X = preprocessor.from_path(path)

X.shape

(1, 299, 299, 3)

In [19]:
interpreter = tflite.Interpreter(model_path = 'clothing-model.tflite')
interpreter.allocate_tensors()

input_index = interpreter.get_input_details()[0]['index']
output_index = interpreter.get_output_details()[0]['index']

In [20]:
interpreter.set_tensor(input_index, X)

interpreter.invoke()

preds = interpreter.get_tensor(output_index)

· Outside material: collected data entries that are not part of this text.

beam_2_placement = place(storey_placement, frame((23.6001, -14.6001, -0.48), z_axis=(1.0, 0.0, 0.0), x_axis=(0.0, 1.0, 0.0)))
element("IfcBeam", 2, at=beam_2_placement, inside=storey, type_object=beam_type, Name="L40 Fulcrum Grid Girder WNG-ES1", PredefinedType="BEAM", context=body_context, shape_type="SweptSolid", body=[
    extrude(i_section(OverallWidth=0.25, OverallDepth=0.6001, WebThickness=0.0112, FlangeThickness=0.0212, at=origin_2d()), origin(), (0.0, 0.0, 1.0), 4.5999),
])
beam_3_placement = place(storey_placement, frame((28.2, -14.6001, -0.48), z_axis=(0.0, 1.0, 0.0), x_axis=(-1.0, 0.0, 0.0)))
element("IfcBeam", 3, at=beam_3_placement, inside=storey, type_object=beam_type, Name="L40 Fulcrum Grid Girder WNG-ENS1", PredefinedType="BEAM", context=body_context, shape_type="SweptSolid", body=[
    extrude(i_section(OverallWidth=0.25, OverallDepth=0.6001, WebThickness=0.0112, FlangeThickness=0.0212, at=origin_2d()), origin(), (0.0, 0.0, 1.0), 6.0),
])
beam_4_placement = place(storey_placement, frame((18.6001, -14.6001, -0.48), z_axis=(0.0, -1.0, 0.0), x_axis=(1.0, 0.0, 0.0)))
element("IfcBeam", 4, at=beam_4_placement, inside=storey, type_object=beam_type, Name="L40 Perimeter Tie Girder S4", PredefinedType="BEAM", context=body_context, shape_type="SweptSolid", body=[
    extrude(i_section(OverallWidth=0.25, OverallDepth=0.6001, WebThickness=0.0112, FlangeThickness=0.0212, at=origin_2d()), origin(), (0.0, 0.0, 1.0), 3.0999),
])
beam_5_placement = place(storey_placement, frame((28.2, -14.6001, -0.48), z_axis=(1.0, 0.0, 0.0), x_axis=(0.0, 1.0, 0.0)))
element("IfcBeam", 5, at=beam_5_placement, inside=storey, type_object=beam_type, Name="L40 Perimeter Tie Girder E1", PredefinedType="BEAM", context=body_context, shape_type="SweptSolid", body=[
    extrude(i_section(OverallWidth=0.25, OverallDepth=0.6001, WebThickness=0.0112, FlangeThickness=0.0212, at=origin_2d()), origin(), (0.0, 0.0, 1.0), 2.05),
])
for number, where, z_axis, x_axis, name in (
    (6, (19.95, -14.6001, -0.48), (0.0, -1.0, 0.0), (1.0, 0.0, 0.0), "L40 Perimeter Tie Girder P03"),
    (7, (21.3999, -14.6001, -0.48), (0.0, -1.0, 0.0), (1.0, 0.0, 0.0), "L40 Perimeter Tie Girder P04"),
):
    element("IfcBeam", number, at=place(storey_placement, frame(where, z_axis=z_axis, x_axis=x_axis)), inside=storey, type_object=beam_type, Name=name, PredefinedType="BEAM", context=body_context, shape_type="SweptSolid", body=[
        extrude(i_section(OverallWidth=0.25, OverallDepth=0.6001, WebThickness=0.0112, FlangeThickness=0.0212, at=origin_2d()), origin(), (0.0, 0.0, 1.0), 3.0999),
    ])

Observe that these are the same results as previously.

In [21]:
classes = [
    'dress',
    'hat',
    'longsleeve',
    'outwear',
    'pants',
    'shirt',
    'shoes',
    'shorts',
    'skirt',
    't-shirt'
]

dict(zip(classes, preds[0]))

{'dress': -2.5024068,
 'hat': -4.4613514,
 'longsleeve': -2.6460094,
 'outwear': -0.49211183,
 'pants': 11.107746,
 'shirt': -1.5406859,
 'shoes': -2.3489246,
 'shorts': 0.82086015,
 'skirt': -4.98052,
 't-shirt': -4.6956816}

We can now output our TFLite code to a Python script which we will then use for deployment.

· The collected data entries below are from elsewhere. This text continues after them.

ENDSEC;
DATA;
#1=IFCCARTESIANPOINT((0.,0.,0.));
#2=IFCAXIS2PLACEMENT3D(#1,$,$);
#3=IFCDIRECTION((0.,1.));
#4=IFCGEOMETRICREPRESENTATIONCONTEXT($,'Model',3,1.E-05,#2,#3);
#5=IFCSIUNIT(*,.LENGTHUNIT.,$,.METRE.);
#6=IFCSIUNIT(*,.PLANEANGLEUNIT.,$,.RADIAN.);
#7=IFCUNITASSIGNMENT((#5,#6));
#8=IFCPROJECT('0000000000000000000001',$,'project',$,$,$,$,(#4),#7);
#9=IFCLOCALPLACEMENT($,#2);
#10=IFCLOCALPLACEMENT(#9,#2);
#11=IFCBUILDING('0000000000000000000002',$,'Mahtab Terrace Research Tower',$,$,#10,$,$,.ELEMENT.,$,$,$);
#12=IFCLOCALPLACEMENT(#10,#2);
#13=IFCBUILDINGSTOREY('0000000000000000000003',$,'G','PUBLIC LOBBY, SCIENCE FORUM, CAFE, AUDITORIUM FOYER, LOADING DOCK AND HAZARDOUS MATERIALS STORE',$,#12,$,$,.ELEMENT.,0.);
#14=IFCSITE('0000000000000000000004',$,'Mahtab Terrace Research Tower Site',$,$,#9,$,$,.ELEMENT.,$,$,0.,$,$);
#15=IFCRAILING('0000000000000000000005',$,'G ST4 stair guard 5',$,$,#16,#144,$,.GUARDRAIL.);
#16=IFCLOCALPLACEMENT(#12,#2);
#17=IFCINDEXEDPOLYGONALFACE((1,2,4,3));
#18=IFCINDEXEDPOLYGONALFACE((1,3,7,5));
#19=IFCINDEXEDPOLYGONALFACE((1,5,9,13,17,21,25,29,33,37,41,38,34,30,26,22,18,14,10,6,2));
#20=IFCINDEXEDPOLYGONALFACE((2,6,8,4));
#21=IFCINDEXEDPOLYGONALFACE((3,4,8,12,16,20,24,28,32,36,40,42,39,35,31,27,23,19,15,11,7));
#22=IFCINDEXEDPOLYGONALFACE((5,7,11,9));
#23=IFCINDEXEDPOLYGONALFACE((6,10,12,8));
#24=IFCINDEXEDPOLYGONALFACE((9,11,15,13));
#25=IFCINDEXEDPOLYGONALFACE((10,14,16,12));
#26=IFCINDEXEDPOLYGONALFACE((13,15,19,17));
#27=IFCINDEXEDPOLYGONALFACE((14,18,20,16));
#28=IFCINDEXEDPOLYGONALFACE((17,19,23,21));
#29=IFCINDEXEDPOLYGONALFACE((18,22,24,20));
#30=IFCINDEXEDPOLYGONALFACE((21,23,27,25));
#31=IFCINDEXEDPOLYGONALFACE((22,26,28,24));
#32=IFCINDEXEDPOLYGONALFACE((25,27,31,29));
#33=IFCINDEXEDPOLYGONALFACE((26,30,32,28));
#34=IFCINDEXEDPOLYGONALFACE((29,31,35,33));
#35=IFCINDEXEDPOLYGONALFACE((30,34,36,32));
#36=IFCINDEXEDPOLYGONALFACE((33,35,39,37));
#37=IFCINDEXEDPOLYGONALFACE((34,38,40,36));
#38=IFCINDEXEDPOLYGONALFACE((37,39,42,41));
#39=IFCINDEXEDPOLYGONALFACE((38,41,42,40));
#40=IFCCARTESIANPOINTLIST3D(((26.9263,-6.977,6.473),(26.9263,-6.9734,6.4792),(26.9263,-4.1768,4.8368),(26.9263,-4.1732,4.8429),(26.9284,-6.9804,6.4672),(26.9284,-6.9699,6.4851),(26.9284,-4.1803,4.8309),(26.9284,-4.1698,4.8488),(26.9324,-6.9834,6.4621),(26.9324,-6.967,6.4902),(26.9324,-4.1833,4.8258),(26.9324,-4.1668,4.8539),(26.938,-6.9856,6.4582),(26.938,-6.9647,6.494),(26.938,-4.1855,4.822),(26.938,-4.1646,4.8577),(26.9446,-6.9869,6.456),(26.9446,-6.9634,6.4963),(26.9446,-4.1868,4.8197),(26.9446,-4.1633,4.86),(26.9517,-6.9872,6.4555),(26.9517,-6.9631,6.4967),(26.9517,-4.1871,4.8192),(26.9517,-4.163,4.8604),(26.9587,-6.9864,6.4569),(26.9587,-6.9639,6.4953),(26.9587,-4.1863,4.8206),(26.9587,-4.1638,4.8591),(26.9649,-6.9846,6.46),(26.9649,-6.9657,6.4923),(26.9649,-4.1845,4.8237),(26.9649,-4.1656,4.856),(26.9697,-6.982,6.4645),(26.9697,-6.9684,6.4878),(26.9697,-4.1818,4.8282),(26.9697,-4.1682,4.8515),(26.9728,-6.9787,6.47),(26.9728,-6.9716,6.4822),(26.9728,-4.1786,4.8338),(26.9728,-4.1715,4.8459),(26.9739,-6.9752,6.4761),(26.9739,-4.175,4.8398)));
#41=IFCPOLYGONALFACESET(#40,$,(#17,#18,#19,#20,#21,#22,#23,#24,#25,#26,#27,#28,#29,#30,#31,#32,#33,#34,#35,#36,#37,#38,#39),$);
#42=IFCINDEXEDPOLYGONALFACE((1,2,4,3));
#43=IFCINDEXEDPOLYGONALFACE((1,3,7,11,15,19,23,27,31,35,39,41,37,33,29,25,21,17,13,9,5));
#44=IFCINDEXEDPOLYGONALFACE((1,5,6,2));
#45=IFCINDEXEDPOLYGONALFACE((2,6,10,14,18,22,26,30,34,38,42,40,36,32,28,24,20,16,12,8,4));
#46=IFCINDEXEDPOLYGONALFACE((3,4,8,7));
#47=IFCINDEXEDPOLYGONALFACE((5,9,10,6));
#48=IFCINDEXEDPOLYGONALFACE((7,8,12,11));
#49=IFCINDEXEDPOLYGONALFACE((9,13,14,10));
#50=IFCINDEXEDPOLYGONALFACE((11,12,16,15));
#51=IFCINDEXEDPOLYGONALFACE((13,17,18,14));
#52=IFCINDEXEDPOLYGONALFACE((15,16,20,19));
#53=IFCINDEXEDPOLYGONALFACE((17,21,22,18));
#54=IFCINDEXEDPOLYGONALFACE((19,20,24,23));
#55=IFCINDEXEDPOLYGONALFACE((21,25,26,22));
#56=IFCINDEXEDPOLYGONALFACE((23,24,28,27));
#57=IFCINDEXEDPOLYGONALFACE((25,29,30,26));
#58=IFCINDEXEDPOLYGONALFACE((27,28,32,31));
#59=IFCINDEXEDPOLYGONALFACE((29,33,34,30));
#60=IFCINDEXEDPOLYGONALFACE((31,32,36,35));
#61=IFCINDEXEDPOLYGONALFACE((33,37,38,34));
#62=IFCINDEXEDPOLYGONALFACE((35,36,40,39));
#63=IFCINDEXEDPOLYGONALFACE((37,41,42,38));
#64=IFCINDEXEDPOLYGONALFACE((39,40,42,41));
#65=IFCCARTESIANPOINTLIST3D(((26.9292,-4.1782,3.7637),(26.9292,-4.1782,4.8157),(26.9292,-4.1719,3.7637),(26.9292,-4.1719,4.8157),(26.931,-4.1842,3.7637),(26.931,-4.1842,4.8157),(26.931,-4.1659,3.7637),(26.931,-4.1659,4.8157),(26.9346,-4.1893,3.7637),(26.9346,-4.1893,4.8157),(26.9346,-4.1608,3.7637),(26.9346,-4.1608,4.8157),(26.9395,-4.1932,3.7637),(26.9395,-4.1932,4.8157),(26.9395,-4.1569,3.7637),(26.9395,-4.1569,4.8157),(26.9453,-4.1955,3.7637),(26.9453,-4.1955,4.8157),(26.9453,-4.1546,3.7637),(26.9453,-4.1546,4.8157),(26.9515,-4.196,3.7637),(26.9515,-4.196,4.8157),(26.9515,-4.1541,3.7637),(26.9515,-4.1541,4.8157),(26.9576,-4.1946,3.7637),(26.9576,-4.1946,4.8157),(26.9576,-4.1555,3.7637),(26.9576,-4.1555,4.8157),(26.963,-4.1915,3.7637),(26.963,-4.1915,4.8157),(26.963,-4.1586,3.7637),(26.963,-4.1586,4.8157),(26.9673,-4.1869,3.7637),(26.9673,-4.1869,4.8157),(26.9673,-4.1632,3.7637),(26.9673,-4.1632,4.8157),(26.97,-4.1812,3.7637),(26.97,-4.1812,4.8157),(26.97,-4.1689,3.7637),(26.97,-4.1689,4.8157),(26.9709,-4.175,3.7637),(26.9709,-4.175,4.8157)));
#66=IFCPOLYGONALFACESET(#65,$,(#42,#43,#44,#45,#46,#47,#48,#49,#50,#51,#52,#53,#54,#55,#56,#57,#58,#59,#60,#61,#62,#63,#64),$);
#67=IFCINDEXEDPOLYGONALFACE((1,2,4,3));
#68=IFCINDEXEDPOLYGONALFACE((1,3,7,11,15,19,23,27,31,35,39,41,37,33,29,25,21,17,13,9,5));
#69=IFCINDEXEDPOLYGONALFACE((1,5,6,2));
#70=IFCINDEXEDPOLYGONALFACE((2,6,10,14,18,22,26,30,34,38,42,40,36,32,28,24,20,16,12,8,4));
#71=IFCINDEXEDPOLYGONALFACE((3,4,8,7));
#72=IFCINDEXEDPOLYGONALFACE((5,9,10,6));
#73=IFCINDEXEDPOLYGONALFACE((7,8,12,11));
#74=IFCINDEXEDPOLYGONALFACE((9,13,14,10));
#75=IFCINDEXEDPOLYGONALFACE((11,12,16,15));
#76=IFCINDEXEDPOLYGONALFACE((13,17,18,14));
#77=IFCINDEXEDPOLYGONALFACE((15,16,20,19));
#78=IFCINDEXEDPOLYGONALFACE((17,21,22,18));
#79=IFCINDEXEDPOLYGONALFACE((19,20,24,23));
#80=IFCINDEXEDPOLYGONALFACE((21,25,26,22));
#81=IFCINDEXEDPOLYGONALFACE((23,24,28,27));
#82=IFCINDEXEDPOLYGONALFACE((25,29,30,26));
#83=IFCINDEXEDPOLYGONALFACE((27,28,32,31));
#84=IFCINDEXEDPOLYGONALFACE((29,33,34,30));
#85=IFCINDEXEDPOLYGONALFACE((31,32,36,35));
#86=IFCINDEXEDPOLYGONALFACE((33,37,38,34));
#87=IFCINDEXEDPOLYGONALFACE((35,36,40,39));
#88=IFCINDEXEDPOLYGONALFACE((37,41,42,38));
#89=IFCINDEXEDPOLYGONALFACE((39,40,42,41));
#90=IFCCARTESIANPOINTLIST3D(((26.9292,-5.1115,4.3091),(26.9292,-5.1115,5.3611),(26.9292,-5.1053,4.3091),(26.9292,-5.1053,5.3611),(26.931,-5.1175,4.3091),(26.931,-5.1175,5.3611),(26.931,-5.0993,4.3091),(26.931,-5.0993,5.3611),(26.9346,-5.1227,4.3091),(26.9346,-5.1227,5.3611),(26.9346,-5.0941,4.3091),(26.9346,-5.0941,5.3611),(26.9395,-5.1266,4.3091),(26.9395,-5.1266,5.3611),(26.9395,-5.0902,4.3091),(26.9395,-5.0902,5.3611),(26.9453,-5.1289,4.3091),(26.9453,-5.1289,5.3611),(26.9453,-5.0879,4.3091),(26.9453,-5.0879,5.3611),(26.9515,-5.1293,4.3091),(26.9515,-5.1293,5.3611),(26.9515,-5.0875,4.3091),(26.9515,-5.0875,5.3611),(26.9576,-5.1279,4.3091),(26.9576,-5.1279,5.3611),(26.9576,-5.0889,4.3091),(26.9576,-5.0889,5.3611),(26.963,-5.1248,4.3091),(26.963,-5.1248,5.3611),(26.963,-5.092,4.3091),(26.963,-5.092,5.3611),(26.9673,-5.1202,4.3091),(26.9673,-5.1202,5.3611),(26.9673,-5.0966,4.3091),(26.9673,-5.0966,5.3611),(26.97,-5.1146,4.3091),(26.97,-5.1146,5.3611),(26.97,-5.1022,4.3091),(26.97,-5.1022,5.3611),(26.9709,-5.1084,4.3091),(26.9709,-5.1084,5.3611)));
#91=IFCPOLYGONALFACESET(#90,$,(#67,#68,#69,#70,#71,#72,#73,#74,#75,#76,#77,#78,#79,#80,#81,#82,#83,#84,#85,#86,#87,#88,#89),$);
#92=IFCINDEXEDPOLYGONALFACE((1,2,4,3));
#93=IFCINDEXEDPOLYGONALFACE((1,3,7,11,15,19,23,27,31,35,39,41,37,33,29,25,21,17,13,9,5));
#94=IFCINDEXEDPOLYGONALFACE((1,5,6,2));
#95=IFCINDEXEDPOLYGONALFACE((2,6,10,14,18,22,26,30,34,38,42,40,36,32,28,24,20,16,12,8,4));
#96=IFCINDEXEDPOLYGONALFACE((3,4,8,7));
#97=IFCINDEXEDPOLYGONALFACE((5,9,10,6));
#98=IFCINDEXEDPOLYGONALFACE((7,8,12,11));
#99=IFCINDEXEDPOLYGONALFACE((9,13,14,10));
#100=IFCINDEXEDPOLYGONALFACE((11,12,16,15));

### Creating a Lambda Function

Previously, we created a Python script containing the essential code for our TFLite model and also a Docker file which we tested locally. Now, we want to deploy the Docker image to AWS Lambda.

![image.png](attachment:image.png)

Figure 4: AWS Lambda *from image* interface. The memory was increased from 128 MB to 1024 MB and the timeout limit was increased from 3 seconds to 30 seconds.

![image.png](attachment:image.png)

Figure 5: Test case output for our deployed Lambda function. Observe that the output is the same as the local output (which is reassuring).

### API Gateway: Exposing the Lambda Function

AWS API Gateway is a service which allows us to expose multiple AWS services as web services. In our case, we will use a REST API to expose our Lambda function.

**What is an API?**

API stands for *application planning interface* and is a set of rules that determines how applications or devices communicate and interact with each other.

**What is a REST API?**

Simply put, an API that conforms to the principles of REST, an internet protocol that was designed to guide the design and development of the web.

![image.png](attachment:image.png)

Figure 6: AWS API Gateway interface. For our Lambda function, we want to use the POST method which essentially allows users to make a request to the service which then responds with a set of scores/predictions.

![image.png](attachment:image.png)

Figure 7: Demonstration of calling the Lamdba function from my local machine using `requests`. See `Week 9 - Serverless/test.py` for more details.

### Summary

- Discussed deploying severless deep learning models using AWS Lambda
- Packaged the code using Docker and tested on local machine
- Pushed the Docker image to ECR
- Initialised a Lambda function from the Docker image, allocating a higher memory and timeout limit for our model to run.
- Exposed the Lambda function using AWS API Gateway and a REST API.